In [1]:
import numpy as np
from hw8_dataload import LFD_Data2
from sklearn import svm

# HW 8
## Primal vs Dual Problem

- The SVM **primal** problem minimizes 0.5w<sup>T</sup>w subject to y<sub>n</sub>(w<sup>T</sup>x<sub>n</sub>+b)&ge;1 for n = 1,2,...,N
- Since w is a d-dimensional vector (corresponding to the dimension of x) and we can also vary b, the primal problem involves a quadratic programming problem with **d+1 variables**.

## Polynomial Kernels

- Implementing polynimal kernels with a soft-margin SVM using the given data set of handwritten digits from the US Postal Service Zip Code data set with extracted features digit, intensity, and symmetry. 
- The polynomial kernel K(x<sub>n</sub>, x<sub>m</sub>) = (1+x<sub>n</sub><sup>T</sup>x<sub>m</sub>)<sup>Q</sup>
- Training **two** types of binary classifiers:
    - one-vs-one (one digit class is +1, another is -1, rest are ignored)
    - one-vs-all (one digit class is +1, everything else is -1)

In [5]:
hw8_train = "hw8_train.dta"
hw8_test = "hw8_test.dta"
hw8_C = 0.01
hw8_Q = 2
hw8_data = LFD_Data2(hw8_train, hw8_test)
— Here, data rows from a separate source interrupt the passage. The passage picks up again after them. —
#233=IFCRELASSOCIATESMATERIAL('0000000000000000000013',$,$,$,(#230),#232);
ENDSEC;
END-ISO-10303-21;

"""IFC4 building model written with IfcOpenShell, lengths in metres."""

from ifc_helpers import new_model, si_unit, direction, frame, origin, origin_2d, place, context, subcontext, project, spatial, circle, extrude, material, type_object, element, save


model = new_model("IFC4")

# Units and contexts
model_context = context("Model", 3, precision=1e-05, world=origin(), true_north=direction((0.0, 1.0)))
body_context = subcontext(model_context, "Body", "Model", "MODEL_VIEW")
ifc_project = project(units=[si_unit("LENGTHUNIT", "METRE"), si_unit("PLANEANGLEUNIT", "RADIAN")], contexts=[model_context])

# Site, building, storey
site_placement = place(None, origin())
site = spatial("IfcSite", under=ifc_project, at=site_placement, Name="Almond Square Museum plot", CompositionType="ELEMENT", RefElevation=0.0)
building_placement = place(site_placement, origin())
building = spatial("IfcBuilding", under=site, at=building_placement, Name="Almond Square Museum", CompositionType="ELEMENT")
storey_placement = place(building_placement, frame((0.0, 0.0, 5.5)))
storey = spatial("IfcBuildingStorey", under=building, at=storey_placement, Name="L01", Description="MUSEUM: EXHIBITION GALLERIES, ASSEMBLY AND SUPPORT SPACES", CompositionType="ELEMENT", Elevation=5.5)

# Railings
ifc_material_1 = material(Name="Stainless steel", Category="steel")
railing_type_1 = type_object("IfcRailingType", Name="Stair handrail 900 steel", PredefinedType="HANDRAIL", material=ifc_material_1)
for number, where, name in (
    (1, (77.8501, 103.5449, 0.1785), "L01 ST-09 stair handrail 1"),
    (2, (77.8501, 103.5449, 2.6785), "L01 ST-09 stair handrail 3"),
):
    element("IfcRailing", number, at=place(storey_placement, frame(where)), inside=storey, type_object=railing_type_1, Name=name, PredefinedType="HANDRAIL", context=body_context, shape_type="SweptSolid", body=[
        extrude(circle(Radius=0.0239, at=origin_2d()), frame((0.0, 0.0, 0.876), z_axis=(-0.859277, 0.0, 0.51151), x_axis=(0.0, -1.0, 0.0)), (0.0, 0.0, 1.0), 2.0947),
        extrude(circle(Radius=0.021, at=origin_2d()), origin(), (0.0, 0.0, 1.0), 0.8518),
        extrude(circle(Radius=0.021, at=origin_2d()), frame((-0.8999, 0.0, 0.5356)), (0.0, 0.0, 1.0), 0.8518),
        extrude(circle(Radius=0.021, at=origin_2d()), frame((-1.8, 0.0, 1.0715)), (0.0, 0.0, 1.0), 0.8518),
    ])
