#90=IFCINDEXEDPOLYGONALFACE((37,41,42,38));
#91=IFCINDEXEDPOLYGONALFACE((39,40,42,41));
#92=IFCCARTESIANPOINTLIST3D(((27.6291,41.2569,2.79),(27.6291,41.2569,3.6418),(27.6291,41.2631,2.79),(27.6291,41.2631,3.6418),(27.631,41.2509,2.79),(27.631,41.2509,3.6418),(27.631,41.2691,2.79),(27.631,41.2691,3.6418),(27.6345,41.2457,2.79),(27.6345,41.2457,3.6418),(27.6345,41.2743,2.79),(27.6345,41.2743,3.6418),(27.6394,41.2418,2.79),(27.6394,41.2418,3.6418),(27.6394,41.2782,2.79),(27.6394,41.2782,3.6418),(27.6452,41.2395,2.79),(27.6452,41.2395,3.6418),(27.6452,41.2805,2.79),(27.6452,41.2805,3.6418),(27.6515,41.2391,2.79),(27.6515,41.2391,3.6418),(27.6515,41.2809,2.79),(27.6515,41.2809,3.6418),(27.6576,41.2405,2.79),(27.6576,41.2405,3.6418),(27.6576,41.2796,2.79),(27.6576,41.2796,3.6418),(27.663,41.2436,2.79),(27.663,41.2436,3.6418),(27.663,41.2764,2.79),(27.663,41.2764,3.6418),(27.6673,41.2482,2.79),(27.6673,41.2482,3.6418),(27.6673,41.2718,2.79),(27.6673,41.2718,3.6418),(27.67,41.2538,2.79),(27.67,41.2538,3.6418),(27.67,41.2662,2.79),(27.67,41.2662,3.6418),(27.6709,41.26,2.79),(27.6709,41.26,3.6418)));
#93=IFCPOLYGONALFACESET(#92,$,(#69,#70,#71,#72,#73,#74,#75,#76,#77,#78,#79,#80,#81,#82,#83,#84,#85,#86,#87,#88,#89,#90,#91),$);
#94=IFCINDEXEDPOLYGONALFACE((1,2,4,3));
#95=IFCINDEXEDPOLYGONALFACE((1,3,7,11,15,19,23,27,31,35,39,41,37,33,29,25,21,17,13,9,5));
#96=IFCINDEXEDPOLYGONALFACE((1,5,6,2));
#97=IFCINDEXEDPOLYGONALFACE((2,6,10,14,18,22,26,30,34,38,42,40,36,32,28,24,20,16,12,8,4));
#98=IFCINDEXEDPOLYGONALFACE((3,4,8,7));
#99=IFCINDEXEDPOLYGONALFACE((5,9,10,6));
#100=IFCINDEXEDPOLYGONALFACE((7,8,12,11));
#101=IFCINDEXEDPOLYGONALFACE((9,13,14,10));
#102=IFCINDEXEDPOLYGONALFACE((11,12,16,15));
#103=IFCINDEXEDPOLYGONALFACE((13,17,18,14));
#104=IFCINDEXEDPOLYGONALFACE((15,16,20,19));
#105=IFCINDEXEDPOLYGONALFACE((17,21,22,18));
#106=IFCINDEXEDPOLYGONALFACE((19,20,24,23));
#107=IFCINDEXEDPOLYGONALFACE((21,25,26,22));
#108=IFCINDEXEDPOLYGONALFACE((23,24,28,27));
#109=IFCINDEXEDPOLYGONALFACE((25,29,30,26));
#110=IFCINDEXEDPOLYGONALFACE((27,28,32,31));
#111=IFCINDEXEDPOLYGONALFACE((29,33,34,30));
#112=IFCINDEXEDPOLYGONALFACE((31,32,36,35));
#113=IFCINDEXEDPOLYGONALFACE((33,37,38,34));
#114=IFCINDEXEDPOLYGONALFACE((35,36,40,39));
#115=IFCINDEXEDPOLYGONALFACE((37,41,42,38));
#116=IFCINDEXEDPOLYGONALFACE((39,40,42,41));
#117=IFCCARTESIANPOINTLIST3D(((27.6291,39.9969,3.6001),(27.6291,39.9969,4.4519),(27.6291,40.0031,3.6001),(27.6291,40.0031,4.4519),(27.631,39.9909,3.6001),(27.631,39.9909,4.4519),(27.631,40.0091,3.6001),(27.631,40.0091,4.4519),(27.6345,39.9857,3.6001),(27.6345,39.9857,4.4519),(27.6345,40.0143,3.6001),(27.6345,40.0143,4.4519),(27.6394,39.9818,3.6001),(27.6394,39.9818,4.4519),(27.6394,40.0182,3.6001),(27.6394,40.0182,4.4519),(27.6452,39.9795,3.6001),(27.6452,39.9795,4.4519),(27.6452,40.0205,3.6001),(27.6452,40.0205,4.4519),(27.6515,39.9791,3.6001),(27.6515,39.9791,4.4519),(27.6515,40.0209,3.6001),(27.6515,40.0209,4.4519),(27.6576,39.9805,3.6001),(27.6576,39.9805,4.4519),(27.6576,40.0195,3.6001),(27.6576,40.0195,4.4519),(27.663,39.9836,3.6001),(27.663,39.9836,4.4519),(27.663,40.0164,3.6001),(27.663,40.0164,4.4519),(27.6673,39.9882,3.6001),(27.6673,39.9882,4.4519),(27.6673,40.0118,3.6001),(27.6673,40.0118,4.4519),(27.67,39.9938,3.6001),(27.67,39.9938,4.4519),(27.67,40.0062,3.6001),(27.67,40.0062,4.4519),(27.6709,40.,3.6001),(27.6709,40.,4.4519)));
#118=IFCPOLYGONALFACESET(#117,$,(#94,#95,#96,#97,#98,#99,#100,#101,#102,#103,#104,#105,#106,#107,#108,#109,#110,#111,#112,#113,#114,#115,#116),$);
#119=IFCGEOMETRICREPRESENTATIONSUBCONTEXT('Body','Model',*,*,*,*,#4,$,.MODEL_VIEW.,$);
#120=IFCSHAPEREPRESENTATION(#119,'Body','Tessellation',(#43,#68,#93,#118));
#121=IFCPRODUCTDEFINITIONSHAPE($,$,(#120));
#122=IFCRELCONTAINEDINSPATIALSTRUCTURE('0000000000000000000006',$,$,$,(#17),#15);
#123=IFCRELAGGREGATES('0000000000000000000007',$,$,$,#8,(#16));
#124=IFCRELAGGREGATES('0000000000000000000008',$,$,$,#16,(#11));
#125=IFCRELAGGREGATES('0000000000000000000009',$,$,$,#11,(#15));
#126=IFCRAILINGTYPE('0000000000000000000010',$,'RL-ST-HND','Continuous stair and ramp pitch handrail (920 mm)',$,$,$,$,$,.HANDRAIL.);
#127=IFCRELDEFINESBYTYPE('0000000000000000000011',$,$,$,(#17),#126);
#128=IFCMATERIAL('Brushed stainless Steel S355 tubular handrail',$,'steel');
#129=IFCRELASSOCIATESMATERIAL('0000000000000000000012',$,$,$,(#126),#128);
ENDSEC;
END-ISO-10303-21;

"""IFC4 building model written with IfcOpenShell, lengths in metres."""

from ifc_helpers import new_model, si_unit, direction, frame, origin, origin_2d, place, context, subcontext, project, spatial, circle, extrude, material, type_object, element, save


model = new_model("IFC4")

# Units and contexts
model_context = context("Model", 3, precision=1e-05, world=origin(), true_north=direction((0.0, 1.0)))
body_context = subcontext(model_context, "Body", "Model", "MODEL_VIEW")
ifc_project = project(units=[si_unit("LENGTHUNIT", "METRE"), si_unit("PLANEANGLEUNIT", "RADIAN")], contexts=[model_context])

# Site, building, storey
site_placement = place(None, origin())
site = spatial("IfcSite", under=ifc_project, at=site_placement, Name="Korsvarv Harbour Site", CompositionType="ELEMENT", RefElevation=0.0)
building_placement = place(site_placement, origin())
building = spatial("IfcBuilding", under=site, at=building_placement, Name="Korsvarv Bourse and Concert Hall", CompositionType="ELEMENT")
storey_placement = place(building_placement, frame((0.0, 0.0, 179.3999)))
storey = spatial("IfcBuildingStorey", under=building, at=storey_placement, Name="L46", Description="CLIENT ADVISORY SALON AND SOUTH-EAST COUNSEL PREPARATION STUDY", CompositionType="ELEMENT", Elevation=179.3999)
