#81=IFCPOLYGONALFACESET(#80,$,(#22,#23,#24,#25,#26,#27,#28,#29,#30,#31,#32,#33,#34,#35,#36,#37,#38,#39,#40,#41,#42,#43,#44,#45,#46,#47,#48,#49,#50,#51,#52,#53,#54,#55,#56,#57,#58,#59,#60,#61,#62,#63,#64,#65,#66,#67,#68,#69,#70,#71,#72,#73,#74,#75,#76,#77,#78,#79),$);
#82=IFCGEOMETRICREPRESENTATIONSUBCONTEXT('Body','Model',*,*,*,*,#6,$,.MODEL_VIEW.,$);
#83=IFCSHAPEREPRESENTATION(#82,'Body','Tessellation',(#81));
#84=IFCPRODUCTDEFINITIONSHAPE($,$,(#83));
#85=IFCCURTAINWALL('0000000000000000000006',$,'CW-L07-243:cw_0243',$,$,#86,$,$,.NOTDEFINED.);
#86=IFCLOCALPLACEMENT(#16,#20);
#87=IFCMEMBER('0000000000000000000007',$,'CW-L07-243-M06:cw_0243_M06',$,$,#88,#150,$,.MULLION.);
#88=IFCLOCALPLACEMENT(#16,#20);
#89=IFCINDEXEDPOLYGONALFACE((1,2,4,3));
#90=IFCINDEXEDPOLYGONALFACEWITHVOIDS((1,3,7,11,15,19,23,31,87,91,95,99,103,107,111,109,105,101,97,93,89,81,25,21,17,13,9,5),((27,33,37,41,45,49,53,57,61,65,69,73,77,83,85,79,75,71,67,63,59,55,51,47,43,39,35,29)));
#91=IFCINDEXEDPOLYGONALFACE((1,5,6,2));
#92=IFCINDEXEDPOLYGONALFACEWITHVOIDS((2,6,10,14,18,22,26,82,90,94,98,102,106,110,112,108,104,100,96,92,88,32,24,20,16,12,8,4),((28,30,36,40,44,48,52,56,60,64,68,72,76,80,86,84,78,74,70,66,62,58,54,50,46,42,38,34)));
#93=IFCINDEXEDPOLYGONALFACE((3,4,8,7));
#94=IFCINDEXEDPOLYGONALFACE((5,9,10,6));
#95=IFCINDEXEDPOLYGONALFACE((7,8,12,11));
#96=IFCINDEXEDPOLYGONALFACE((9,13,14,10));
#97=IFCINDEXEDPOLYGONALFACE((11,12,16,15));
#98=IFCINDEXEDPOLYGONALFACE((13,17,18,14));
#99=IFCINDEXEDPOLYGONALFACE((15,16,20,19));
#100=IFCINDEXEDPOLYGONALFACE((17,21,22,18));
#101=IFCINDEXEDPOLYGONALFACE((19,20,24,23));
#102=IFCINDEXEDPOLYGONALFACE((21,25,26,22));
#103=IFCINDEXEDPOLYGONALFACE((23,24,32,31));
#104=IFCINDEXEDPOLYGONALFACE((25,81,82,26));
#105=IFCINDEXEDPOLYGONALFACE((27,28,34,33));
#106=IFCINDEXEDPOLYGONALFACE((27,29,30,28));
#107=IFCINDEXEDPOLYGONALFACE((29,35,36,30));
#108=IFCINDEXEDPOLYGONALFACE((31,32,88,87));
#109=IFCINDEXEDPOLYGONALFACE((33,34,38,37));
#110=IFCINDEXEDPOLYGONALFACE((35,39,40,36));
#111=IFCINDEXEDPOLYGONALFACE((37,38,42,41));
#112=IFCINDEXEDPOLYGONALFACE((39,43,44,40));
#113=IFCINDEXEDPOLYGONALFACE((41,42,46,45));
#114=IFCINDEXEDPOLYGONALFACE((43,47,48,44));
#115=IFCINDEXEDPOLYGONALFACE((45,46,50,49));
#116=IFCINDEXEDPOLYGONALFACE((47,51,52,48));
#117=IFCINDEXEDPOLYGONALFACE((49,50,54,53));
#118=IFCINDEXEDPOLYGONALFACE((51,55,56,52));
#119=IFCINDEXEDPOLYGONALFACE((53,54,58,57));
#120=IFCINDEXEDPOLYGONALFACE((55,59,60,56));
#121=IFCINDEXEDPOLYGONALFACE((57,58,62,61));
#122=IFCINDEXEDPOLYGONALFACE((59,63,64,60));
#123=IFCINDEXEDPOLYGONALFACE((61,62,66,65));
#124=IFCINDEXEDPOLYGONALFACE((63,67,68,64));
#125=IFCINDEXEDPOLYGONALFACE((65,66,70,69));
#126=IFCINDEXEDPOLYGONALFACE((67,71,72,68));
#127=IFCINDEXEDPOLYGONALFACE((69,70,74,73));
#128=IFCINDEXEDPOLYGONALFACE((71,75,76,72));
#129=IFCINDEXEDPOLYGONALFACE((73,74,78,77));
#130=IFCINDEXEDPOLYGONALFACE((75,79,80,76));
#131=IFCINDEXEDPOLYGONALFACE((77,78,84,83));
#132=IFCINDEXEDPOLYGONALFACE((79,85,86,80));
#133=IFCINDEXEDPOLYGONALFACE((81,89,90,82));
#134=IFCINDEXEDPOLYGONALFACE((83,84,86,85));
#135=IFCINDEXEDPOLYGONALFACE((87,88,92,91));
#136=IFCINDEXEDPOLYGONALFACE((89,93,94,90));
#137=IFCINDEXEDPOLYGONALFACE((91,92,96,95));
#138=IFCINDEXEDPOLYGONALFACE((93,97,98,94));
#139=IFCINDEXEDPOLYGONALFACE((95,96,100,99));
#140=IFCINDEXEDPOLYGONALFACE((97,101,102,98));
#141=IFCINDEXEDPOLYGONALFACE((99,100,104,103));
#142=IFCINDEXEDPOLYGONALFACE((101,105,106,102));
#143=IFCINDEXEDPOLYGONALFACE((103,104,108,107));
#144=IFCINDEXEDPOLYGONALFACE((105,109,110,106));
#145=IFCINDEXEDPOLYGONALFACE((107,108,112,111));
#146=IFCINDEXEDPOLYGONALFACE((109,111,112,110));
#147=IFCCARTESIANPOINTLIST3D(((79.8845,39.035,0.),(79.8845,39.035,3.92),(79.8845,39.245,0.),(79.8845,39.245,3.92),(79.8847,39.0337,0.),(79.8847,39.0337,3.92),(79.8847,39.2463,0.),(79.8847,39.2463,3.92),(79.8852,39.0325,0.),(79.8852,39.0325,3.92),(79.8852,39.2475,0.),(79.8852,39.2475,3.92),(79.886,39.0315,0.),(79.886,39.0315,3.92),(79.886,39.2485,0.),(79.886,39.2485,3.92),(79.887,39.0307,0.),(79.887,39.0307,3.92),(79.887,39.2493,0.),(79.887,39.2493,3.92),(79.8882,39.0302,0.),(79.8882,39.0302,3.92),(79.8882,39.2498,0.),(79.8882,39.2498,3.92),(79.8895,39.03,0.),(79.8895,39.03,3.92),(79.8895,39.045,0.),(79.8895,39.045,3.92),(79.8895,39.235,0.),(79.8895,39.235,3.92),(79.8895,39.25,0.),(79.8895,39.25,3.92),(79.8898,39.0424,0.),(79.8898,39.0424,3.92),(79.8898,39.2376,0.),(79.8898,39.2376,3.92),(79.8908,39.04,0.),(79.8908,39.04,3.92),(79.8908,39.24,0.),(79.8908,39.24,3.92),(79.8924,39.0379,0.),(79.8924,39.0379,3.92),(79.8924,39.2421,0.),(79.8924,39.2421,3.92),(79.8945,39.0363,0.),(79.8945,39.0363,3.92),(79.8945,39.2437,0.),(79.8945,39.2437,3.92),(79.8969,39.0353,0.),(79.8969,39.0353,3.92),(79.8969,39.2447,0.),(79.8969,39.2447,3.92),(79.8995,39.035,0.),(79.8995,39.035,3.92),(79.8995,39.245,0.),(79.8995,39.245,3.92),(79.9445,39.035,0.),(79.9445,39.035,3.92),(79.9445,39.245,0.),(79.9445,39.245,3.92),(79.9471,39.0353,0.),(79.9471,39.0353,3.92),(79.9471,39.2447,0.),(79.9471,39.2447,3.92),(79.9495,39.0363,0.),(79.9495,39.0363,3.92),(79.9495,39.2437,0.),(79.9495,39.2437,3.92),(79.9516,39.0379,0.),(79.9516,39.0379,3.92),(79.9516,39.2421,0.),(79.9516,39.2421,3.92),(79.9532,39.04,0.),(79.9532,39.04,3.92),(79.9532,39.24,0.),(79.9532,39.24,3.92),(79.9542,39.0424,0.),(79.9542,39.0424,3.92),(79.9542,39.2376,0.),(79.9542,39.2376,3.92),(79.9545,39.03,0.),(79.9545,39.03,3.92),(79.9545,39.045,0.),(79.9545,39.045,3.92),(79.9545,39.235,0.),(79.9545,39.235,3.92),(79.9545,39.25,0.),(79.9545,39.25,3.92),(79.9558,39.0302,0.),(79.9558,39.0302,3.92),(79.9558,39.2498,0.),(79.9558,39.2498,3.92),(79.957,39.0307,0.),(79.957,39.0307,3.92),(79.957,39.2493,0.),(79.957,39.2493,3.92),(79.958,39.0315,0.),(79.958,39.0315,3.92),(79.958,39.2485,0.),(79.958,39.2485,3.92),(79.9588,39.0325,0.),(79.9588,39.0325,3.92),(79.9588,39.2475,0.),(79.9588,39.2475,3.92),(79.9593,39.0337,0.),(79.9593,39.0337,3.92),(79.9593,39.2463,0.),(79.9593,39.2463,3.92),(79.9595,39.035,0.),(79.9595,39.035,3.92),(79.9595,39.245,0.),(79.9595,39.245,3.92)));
my_svm = svm.SVC(C = 0.01, kernel = 'poly',degree = 2, coef0 = 1.0, gamma = 1.0)

In [5]:
alphas_odd = np.array([])
alphas_even = np.array([])

for cur_num in range(10):
    #cur_num-vs-all
    hw8_data.set_filter([cur_num])
    cur_X = hw8_data.get_X("train")
    cur_Y = hw8_data.get_Y("train")
    my_svm.fit(cur_X, cur_Y)
    cur_score = my_svm.score(cur_X, cur_Y)
    cur_numalphas = my_svm.n_support_
    cur_asum = np.array(cur_numalphas).sum()
    print("%d-vs-all binary classifier in-sample error: %f" % (cur_num, (1.0 - cur_score)))
    if cur_num % 2 == 0:
        alphas_even = np.concatenate((alphas_even, [cur_asum]))
    else:
        alphas_odd = np.concatenate((alphas_odd, [cur_asum]))
    
    
aodd_sum = np.sum(alphas_odd)
aeven_sum = np.sum(alphas_even)
a_diff = abs(aodd_sum - aeven_sum)
print("Diff in number of sv's between odd and even: %d" % a_diff)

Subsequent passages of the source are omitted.